Because the test doesn't care about weights being unique, nor does it care about what happens when 2 weights are equal, in some cases the resulting arrays will not be equal.
After writing about the methods one could employ to sort a multidimensional array by a child key or value, coders have asked me about the possibility to restructure "flat" arrays into an array that has a hierarchical structure and then sort it using the methods described above.
Let's look at the example below in which a series of William Shakespeare plays is fetched from an external data source.
$books = [
["title" => "Romeo and Juliet", "genre" => "tragedy", "noofpages"=> "100"],
["title" => "Hamlet", "genre" => "tragedy", "noofpages"=> "200"],
["title" => "A Midsummer Night's Dream", "genre" => "comedy", "noofpages"=> "50"],
["title" => "Mcabeth", "genre" => "tragedy", "noofpages"=> "180"],
["title" => "Merchant of Venice", "genre" => "comedy", "noofpages"=> "40"],
];
The task is to group the books by genre and then sort each sub-array by the number of pages of each play. This would be achieved by looping through the array and pushing elements based on their genre into a new list.
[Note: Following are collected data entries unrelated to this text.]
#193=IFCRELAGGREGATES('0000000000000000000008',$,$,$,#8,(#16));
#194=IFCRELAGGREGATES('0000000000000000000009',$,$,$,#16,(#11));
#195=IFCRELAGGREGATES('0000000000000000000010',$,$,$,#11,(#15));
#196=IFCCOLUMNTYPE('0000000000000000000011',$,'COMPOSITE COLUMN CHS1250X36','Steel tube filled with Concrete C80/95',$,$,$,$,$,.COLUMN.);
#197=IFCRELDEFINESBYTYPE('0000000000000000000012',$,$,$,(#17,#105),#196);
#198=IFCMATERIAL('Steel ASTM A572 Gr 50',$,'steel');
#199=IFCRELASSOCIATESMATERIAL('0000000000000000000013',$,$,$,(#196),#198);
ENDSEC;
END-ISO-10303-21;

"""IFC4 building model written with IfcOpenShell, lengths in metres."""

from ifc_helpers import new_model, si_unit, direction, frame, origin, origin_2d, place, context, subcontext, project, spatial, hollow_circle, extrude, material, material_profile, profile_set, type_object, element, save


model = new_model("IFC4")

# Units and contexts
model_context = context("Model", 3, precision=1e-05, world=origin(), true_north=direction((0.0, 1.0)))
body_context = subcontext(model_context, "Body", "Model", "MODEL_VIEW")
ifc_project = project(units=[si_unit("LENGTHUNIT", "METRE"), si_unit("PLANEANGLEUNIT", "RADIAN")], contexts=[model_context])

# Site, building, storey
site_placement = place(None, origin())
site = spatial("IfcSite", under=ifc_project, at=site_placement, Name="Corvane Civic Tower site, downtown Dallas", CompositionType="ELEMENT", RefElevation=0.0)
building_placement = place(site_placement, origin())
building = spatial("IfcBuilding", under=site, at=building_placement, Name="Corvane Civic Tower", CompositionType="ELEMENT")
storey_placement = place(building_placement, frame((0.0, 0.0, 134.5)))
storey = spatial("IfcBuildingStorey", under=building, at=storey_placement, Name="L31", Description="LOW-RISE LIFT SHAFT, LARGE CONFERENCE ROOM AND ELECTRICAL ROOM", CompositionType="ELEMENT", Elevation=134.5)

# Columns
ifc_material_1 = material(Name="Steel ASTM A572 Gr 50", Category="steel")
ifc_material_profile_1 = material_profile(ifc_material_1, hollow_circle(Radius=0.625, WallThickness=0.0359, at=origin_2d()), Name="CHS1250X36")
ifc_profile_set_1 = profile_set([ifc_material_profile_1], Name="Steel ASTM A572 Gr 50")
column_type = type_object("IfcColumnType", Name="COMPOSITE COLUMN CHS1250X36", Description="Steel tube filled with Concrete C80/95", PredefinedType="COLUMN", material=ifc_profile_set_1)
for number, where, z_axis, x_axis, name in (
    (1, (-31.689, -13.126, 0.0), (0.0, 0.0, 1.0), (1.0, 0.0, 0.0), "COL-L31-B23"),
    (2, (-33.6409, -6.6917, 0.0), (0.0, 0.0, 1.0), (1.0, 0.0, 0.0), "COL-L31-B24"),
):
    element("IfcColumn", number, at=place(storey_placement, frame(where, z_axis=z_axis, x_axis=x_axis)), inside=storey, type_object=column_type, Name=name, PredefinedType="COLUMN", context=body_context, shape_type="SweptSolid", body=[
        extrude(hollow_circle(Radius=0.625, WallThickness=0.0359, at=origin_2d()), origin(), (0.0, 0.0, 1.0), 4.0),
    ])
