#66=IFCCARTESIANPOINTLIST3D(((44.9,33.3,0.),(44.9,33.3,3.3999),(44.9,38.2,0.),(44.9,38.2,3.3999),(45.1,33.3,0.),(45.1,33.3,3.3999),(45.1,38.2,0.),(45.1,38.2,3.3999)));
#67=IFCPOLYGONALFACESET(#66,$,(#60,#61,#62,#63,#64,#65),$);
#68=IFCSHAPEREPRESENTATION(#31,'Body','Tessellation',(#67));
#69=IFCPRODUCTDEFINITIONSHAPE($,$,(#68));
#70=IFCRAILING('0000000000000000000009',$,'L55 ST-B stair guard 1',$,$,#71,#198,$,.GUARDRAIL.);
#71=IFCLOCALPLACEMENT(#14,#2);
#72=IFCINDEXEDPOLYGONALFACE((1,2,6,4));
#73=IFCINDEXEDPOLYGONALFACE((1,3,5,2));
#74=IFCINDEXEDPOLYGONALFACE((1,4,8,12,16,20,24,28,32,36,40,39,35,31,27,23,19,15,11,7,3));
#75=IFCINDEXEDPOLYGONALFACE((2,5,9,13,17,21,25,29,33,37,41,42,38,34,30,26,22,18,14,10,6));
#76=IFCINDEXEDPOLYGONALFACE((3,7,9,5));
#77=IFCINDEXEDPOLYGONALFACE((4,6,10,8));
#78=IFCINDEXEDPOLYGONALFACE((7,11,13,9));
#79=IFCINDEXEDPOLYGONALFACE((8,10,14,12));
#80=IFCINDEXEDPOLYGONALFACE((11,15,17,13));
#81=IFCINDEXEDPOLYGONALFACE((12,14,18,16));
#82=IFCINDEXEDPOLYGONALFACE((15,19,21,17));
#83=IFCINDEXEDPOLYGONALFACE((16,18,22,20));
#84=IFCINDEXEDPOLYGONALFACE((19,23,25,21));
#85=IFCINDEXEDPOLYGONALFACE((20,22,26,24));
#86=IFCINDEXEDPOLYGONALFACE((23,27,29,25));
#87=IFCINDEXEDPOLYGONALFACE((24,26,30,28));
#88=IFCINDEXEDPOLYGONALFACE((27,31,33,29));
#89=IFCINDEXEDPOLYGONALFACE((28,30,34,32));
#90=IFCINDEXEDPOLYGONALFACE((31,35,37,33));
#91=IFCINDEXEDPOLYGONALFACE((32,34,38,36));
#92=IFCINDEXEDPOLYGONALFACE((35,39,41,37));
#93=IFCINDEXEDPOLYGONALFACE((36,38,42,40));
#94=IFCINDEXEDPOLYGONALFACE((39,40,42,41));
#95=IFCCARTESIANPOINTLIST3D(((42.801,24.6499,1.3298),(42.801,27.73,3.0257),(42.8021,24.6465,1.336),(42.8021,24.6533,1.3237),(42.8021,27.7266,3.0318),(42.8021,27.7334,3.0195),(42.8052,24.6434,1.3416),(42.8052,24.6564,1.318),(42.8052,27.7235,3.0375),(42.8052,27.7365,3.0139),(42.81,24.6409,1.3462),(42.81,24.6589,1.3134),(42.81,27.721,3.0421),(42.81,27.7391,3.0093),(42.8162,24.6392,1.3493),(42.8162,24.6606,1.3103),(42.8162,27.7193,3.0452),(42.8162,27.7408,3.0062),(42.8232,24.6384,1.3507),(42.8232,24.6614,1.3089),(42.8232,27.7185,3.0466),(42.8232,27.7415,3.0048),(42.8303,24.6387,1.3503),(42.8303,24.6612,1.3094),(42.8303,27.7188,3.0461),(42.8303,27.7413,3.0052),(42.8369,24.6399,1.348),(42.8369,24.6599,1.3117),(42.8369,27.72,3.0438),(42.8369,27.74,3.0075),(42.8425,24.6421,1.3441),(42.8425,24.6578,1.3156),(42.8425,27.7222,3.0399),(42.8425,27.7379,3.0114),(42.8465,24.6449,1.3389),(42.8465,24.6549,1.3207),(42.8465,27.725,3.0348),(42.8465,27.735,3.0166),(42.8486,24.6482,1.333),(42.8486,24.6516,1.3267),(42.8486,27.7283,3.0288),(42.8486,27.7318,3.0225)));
One important aspect is that you need to check if the sub array for a particular genre already exists and if it doesn't create an empty one prior to pushing an item to it.
$books_by_genre = [];
foreach($books as $key => $book) {
if(!isset($books_by_genre[$book['genre']])) {
$books_by_genre[$book['genre']] = [];
}
array_push($books_by_genre[$book['genre']], $book);
}
var_dump($books_by_genre);
Then, the solution is to loop through the newly generated array and sort it by the value of noofpages
.
foreach ($books_by_genre as $key => &$genre) {
usort($genre, function($a,$b){
return ($a["noofpages"] <= $b["noofpages"]) ? -1 : 1;
});
}
var_dump($books_by_genre);
Thanks for reading this. Hope you learned something.